Illustration of the total cavopulmonary circulation including the thoracic duct (in green). Illustration created by Michael Bjaanes in collaboration with the Department of Pediatric Cardiology and the Department of Adult Congenital Heart Disease at Oslo University Hospital.

Figure 10

An 18-year-old boy born with double inlet left ventricle and pulmonary stenosis with a Fontan circulation. Satisfactory ventricular function was observed. Abdominal MRI was performed as a regular follow-up before transition to adult care. A 14 mm nodule not visible on ultrasound was found in the lateral part of the right liver lobe on MRI. Dynamic contrast-enhanced MRI with hepatocyte specific contrast agent was performed, revealing hyper-enhancement in arterial phase (upper left) and in late portal venous phase (upper right) as well as slightly irregular in hepatocyte phase (after 20 min) (lower right).

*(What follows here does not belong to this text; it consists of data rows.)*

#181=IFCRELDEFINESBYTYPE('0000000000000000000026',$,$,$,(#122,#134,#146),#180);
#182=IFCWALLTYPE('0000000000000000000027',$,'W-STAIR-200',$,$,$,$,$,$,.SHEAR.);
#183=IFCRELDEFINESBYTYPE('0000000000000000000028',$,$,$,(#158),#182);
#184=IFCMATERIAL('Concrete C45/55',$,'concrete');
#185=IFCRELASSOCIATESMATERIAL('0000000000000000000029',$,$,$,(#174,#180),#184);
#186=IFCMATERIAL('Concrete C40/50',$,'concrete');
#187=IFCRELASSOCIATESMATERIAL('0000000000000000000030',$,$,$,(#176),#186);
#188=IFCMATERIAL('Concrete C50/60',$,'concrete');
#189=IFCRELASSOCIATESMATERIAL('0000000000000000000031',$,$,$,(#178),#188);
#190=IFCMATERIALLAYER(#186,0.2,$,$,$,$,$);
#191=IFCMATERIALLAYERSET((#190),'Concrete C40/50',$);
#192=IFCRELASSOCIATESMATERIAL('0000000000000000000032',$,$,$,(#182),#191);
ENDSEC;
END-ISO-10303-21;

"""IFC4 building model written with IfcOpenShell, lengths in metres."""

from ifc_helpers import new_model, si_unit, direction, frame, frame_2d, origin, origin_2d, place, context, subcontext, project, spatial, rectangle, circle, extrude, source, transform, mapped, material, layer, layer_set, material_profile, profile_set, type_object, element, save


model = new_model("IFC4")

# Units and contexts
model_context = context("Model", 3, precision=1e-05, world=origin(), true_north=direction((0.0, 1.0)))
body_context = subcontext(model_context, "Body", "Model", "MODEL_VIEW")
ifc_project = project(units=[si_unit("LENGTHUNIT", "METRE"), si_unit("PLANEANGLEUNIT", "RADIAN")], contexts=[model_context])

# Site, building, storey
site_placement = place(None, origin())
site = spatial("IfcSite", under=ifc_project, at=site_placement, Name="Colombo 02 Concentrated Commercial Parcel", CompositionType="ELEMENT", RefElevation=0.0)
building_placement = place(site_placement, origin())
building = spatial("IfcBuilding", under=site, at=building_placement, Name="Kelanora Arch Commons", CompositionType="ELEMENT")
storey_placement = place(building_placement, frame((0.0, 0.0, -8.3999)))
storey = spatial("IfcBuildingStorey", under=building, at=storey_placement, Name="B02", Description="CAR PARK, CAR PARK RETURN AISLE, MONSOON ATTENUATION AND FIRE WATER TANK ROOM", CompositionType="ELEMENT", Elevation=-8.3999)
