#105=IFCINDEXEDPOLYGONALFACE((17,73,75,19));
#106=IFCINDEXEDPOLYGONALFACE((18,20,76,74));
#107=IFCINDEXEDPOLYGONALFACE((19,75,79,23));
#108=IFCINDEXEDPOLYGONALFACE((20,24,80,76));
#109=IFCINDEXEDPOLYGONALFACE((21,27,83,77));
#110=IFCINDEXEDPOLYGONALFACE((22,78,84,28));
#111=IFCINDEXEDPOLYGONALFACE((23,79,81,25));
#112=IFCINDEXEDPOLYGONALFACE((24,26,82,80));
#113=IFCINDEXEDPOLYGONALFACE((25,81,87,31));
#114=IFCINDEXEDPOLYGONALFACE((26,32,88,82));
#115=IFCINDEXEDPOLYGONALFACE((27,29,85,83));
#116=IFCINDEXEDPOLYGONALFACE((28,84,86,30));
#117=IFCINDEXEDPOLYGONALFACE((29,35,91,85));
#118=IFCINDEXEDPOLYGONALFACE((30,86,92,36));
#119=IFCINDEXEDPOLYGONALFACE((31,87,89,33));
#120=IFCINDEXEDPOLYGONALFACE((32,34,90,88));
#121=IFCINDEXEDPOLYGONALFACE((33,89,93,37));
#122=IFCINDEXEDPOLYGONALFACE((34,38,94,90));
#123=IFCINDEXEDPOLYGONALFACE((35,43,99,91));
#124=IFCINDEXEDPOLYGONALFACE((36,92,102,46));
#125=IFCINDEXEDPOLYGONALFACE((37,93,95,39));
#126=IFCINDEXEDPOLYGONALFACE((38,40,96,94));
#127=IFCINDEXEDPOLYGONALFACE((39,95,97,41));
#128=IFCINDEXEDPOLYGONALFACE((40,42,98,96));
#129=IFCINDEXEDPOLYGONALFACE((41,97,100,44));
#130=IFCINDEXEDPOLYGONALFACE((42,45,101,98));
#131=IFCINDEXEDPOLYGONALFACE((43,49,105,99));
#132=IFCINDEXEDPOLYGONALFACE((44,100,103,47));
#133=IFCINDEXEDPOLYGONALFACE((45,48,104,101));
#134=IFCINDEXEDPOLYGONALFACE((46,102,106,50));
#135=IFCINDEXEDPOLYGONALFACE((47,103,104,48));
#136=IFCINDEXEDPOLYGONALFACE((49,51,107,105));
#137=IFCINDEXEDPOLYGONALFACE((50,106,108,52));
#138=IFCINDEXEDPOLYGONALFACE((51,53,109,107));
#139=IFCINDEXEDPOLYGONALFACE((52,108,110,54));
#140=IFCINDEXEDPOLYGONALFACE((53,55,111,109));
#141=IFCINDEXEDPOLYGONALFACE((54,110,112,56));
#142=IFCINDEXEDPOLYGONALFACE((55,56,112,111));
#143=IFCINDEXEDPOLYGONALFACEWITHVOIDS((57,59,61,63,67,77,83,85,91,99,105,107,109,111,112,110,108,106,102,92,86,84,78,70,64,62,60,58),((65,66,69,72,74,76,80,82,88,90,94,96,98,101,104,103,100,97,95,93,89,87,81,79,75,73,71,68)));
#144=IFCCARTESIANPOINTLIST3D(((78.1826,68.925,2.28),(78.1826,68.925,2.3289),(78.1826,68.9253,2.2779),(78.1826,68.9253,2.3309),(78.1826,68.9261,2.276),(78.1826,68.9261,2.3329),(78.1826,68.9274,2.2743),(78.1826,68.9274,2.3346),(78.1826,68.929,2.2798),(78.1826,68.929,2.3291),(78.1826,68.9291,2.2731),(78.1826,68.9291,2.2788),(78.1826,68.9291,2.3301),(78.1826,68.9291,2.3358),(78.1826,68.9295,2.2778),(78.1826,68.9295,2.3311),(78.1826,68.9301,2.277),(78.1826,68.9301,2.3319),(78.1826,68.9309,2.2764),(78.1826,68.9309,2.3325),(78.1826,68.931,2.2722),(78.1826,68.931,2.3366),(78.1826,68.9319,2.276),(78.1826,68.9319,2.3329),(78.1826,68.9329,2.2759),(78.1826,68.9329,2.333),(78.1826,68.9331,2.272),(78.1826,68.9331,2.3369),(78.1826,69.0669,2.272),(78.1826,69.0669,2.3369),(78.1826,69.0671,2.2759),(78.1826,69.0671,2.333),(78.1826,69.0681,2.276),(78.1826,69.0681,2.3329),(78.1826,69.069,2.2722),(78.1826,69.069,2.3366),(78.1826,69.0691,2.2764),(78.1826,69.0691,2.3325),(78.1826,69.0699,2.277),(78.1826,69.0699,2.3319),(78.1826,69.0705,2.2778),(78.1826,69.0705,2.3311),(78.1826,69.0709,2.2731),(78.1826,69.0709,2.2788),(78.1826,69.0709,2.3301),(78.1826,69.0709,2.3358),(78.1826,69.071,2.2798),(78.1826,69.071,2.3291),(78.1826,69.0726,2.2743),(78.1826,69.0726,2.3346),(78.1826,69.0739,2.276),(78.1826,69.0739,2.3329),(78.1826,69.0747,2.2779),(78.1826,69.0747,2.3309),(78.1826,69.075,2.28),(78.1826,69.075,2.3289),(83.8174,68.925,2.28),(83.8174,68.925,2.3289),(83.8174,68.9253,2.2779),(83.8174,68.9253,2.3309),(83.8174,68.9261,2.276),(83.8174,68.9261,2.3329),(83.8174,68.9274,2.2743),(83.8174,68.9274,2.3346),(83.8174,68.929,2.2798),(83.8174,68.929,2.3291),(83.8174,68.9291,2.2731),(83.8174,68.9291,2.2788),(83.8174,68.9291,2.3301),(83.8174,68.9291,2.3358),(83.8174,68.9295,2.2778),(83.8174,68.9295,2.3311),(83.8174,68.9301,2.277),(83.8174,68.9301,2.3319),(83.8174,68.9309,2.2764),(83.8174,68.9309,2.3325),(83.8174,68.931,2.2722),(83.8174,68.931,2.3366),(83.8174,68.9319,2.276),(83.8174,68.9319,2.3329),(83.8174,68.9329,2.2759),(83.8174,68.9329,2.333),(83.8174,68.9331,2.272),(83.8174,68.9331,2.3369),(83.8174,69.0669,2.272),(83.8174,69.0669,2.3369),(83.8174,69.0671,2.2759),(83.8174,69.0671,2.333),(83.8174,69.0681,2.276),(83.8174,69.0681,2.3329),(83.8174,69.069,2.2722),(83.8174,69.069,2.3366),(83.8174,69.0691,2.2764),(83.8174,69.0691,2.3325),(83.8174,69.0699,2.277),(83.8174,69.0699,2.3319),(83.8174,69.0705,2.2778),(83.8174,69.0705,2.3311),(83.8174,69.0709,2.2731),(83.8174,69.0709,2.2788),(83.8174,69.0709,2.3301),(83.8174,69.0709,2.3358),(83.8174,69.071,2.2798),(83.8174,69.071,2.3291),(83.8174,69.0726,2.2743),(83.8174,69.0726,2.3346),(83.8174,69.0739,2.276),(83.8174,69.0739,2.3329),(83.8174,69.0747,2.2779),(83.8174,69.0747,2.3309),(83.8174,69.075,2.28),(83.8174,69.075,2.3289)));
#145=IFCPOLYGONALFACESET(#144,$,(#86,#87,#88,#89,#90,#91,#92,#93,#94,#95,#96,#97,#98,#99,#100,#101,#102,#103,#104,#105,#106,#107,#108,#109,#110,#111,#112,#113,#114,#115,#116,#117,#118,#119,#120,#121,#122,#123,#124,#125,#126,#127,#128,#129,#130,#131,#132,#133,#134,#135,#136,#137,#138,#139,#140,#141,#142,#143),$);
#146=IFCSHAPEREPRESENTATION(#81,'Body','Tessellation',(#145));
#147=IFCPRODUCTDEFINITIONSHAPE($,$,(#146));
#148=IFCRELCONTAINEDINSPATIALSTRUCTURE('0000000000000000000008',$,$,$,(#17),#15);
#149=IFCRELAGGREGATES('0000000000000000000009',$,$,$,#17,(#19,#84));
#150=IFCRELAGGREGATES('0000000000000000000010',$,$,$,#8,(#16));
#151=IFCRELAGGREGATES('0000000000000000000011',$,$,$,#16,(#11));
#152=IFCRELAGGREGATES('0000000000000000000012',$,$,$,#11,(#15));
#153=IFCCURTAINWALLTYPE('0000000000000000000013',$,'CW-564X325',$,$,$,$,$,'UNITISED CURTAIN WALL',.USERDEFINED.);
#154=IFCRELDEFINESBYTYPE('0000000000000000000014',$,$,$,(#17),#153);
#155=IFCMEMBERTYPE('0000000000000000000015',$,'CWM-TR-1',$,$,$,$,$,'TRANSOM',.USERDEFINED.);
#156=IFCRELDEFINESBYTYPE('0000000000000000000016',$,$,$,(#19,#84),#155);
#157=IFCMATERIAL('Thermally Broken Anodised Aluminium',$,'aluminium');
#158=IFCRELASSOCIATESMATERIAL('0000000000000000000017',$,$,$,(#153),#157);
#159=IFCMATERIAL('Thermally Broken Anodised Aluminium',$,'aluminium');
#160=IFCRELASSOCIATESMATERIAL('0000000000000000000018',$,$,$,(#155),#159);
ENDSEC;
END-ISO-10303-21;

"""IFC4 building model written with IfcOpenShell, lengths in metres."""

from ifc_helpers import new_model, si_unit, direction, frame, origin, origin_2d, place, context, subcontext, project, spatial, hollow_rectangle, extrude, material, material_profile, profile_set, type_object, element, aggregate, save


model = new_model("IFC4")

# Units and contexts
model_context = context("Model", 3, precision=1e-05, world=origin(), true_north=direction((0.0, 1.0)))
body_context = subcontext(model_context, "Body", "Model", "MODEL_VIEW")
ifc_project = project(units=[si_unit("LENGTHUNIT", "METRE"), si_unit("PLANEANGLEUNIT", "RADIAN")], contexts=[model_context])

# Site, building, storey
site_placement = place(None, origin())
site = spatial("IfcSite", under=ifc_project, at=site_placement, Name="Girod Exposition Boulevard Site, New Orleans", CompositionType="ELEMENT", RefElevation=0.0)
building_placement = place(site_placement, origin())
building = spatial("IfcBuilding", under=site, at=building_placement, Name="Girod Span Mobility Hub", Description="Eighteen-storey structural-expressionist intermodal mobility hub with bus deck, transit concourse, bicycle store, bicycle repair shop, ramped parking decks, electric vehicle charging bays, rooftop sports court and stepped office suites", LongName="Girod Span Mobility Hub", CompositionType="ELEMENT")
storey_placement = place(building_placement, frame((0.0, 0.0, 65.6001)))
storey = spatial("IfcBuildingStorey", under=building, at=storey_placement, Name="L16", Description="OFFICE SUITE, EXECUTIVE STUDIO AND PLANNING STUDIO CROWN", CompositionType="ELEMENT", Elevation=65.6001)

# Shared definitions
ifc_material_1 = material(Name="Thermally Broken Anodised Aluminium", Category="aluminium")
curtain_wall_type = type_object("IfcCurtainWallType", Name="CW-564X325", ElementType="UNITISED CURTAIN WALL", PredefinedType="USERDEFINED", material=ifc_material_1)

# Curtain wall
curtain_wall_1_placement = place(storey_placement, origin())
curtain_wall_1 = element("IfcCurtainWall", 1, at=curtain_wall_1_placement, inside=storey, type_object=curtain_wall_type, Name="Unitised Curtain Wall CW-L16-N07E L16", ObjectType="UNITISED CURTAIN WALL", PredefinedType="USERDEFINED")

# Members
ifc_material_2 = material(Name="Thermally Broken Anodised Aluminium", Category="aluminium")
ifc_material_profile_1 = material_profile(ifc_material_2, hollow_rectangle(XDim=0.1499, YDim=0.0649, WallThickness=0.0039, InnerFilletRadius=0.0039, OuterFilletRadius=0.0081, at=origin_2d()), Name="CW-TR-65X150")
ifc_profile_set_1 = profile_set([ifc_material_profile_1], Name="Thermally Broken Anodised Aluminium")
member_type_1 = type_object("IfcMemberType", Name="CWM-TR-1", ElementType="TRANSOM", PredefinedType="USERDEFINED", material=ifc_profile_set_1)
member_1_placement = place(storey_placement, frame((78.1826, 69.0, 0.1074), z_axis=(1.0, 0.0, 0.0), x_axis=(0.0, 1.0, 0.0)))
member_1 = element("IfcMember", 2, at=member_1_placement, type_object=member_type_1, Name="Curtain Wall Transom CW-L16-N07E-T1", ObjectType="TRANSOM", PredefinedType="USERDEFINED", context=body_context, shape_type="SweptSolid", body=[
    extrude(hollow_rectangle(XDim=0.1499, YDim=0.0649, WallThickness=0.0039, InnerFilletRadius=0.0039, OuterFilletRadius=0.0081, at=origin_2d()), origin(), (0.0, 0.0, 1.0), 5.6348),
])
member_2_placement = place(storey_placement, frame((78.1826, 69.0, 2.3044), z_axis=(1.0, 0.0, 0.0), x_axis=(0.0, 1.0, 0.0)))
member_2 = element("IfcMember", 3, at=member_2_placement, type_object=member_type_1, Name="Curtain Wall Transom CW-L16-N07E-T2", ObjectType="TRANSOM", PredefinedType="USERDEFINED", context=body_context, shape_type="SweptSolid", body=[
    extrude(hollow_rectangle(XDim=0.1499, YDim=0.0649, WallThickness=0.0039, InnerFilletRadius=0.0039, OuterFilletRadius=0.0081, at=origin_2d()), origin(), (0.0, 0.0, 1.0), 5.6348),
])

The nodule is difficult to see clearly on the diffusion-weighted image (lower left). The nodule was interpreted with features of a probably benign nodule, and close follow-up with contrast-enhanced MRI was recommended. MRI, magnetic resonance imaging.

Figure 11

Typical hyperechogenic vascular nodules 3–5 mm (arrows) on ultrasound (left) and corresponding nodules with high signal on axial T2-weighted MRI (right). Note the generally increased T2 signal in the parenchyma as an expression of congestion (right). MRI, magnetic resonance imaging

Figure 12

Flow chart of the proposed follow-up from the European Society of Pediatric Radiology, Abdominal Task Force. Reprint with permission from Perruca et al. Surveillance of Fontan associated liver disease: current standards and a proposal from the ESPR Abdominal Task Force. Pediatr Radiol. (2021) 51:2598–2606.